In the aforementioned configuration, the load sensor may be provided with a projection, projecting in the direction of thickness of the pressure-receiving portion, on the tip portion of the pressure-receiving portion, and the top portion of the projection acting as the loading point. This ensures that the load of a measurement object can be applied to the loading point even when the measurement object is more or less misaligned with the load sensor in the direction of the surface of the load sensor. Therefore, this makes it possible for the load sensor to avoid malfunctioning even with a slight error in the position of the attachment of the load sensor. The load sensor may be adapted that the projection is provided on both the front and reverse surfaces of the tip portion of the pressure-receiving portion, thereby allowing the load sensor to measure the load of a measurement object present on either the front or reverse side of the pressure-receiving portion.
The present invention also provides a load sensor comprising: a mount portion on one end of the load sensor, the mount portion being secured to an external device; an opening adjacent to the mount portion; strain-generating portions extending from the mount portion to the other end of the load sensor along the side rims of the opening, the strain-generating portions having at least one flat print surface; a pressure-receiving portion, linked to the strain-generating portions at the other end, projecting in the shape of the tongue into the opening; and strain-sensing elements, formed by printing on the print surface of the strain-generating portions, for sensing strain of the strain generating portions, the strain caused by a load applied to the pressure-receiving portion. The load sensor is adapted that under no load applied to the pressure-receiving portion, the tip portion of the pressure-receiving portion stays below a plane containing the print surface in the direction of thickness of the pressure-receiving portion.
As described above, the tip portion of the pressure-receiving portion may be adapted to stay in advance below a plane containing the print surface in the direction of thickness of the pressure-receiving portion. Accordingly, even when the pressure-receiving portion is deflected in the heating process during fabrication, there is no worry that the tip portion of the pressure-receiving portion stays above the print surface of the strain generating portions. It is thereby possible to avoid defective printing of the strain-sensing elements caused by the deflection of the pressure-receiving portion.

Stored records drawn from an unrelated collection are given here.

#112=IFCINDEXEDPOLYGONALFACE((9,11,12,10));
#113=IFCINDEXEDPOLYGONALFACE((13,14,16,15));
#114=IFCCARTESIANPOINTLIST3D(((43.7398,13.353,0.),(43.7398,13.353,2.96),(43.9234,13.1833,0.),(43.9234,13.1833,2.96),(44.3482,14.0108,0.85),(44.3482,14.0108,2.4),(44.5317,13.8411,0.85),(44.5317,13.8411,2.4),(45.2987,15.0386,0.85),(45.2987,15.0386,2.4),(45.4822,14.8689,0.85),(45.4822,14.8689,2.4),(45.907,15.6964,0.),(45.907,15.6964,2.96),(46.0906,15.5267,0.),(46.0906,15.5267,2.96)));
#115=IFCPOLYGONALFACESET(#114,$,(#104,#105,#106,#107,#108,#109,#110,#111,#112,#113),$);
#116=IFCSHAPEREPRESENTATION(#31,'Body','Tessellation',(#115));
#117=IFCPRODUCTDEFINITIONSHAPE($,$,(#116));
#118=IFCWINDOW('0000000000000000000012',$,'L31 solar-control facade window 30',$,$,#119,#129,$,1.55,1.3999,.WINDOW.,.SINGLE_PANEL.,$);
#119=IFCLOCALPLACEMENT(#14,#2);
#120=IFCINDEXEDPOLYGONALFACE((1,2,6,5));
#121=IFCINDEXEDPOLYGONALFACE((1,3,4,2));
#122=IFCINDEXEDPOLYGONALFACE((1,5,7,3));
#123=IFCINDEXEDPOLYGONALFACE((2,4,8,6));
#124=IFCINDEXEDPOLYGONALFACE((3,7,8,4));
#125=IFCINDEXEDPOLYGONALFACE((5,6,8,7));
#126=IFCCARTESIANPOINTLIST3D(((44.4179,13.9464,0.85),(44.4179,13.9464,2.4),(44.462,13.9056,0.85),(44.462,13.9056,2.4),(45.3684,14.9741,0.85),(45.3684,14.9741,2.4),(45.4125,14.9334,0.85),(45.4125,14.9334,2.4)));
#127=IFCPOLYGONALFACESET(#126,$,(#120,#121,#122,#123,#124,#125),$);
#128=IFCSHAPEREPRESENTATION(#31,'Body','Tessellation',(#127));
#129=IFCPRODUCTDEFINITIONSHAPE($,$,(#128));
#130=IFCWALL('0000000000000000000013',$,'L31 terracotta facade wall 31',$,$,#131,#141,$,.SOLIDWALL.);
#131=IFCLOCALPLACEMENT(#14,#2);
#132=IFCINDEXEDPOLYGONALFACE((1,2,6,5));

Incidentally, the tip portion of the pressure-receiving portion may be adapted to stay in advance below the plane containing the print surface of the strain-generating portions. In this case, for example, the tip portion of the pressure-receiving portion may be made thinner than the proximal end thereof in thickness. Alternatively, a pressure-receiving portion having a uniform thickness may be curved such that the tip portion thereof is gradually separated from the plane containing the print surface.